It’s a question I found myself asking six weeks before Shavuot, late in the Torah service on the last day of Passover.

Returning with my wife Brenda to Temple Beth Emet, in Anaheim, Calif., where I grew up, we both had come to attend the Yizkor service and to see her family who continue to pray there. Not far from Disneyland, it’s a shrinking kingdom of Jewish memories where, as I walked down the aisle to my seat, I could see my Hebrew school teacher and the familiar faces of those who had been friends of my parents.

A little while after we were seated, the gabbai came down the aisle, blue card in hand, and asked me if I wanted to be “hagbah” — that is, to raise the Torah after it was read. “Thank you,” I said, accepting the honor.

When my wife joined me, we quickly exchanged notes and found that we were going to be a Torah team, since while she was out in the lobby, the gabbai had asked her to be “gelilah” — the person tasked with dressing the Torah.

As the scrolls were taken from the ark, I nudged her, saying the larger of the two scrolls was probably the one I should lift. As I sized it up, I could see that this scroll was longer than the one I had grown accustomed to lifting in my minyan in Los Angeles.

Torah scrolls vary quite a bit in size, from short study scrolls weighing only a few pounds up to tall, arm-length versions that can weigh up to about 50 pounds.

Besides being a holy object, a Torah scroll is also expensive, taking a scribe a year or more to write its 304,805 letters by hand, and costing between $30,000 and $60,000, depending on size, quality of script and parchment.

Trying to keep this out of mind, I counted down the aliyot, the sections in which the Torah is read, until with the completion of the eighth and final reading. Quickly, I walked up the few steps to the bima where I had chanted, in what seemed like a million turns of the Torah ago, for my bar mitzvah.

Grabbing the wooden handles, known as the Trees of Life, I rolled each tight, so that three columns were left showing in the middle. I carefully slid the scroll towards me, and then,using the Torah reading table’s edge as a fulcrum, I slid the remaining section down, bent my knees and levered the Torah up. With the handles about even to my shoulders, I turned away from the congregation, so the worshippers could see the writing, and raised the scroll higher.

I took about four steps to the chairs where I knew I was supposed to sit, and where my wife would tie the scroll and dress it.

Only, there was a problem.

“The least stable time during hagbah is right after you sit down,” says the National Chavura Committee’s website, and this is the truth.
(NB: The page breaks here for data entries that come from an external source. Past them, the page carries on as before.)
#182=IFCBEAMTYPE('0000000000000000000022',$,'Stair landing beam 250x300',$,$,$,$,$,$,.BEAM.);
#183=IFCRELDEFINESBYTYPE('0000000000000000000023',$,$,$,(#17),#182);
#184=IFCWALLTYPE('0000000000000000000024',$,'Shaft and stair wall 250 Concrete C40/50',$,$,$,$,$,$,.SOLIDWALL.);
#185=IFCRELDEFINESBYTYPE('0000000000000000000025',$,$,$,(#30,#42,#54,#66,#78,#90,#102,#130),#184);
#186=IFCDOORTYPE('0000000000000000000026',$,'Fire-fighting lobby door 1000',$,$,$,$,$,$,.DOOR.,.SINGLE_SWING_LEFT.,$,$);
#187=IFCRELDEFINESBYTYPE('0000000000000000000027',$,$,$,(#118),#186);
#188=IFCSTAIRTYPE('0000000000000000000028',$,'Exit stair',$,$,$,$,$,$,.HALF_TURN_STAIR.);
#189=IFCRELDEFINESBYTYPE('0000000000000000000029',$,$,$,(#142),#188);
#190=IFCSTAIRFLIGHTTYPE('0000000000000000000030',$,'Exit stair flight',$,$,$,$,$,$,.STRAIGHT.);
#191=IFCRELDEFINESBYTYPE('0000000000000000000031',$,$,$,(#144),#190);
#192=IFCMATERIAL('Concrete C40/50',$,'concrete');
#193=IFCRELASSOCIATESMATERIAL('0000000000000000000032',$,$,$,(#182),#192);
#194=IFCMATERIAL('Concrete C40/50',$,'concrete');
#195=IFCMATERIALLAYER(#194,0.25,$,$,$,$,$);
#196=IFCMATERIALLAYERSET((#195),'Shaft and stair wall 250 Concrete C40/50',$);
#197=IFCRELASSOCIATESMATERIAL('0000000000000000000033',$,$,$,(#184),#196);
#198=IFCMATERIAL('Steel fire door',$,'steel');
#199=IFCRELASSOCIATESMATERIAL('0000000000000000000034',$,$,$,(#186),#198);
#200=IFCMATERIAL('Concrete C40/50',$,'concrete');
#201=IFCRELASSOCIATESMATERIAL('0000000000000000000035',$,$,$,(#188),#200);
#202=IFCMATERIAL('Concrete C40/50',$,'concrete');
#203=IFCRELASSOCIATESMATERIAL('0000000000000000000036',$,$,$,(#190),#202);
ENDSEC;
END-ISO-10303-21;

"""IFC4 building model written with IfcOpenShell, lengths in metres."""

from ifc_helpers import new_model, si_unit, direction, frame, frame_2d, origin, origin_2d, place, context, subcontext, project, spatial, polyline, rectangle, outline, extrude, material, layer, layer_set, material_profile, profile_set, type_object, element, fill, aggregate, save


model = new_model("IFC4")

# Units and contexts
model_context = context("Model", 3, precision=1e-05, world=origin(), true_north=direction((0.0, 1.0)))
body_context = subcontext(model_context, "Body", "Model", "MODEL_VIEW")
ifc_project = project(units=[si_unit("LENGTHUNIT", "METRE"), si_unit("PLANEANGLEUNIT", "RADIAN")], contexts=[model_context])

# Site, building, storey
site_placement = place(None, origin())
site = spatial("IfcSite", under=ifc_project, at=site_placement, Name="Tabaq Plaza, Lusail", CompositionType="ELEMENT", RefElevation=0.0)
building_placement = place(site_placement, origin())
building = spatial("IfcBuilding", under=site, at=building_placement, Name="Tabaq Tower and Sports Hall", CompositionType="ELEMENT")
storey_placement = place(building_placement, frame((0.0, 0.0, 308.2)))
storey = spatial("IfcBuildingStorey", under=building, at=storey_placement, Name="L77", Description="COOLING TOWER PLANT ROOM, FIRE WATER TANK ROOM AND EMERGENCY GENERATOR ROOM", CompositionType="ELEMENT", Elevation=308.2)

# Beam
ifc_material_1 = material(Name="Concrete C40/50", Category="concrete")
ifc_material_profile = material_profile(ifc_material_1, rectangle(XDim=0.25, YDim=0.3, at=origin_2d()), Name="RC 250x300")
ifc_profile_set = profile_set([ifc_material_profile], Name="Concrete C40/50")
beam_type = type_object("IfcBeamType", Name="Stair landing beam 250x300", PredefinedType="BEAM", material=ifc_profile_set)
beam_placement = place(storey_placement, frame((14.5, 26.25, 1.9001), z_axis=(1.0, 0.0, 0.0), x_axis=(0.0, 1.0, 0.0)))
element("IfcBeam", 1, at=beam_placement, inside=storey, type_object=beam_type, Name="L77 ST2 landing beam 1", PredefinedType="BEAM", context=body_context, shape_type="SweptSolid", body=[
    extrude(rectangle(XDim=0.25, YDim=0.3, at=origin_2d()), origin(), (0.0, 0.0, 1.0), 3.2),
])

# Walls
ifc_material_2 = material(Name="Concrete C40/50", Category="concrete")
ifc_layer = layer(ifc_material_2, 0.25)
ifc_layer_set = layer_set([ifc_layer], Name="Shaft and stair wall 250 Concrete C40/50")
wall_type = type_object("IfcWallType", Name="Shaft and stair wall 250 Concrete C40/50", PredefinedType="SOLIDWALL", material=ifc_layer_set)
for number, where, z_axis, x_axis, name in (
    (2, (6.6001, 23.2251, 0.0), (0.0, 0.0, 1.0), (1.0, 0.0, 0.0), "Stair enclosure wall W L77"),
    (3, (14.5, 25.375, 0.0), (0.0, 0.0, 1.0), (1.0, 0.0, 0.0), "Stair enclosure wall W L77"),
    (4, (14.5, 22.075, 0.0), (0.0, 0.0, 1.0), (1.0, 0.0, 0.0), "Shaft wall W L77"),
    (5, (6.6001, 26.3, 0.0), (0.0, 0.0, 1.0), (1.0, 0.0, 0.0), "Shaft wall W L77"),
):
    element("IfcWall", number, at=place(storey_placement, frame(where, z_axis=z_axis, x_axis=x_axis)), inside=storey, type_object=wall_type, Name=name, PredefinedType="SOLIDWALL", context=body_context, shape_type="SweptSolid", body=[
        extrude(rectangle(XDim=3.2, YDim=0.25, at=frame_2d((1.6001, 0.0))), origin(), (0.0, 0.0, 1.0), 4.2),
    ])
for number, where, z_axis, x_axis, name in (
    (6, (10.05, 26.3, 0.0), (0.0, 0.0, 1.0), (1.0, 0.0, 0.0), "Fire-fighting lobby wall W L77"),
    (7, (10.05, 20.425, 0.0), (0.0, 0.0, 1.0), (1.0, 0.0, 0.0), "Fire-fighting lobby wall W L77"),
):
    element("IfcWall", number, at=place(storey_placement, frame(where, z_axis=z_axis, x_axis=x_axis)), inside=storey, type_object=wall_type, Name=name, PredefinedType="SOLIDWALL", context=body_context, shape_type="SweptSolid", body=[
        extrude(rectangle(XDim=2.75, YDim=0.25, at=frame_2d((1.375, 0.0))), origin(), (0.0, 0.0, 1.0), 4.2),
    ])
While lowering my body to sit, I lost the tension between the two halves, and the half in my left hand began to wobble. Thrusting my arm out to steady it only caused the scroll to gyrate more in what began to appear to me as a slow-motion disaster.

Now, being asked to raise the Torah is a great honor — or, as the gabbai had put it, “greater than them all.” Rabbi Joseph H. Prouser, citing the Mishnah in an article titled, “Raising Awareness: The Symbolic Significance of Hagbah and Gelilah,” explained: “lifting the Torah scroll, is a public act of qinyan, of establishing ‘ownership'” rights.

But if that were the case, those “rights,” remembered on Shavuot with the celebration of the giving of the Torah, were wobbling away both from me and from the congregation, who if I dropped the Torah, would need to decide how to reassert their ownership. Would they fast? Give tzedakah?

One more wobble, and then my wife, seemingly coming out of nowhere, grabbed the top of the errant roller, and even though the parchment buckled into an S-like shape that widened my eyes, she stopped its fall.

“Good save,” someone said to her as she returned to her seat.

In another era, according to Prouser, the raising and dressing of the Torah was “executed by a single individual.” But today, I was ecstatic to be part of a team: a husband and wife, who had long been juggling work, children, family and Judaism, coming together, after some juggling of my own, finally to take grasp of the Torah and own it.

“She is a tree of life to those who grasp her,” says the Book of Proverbs, “and whoever holds on to her is happy.”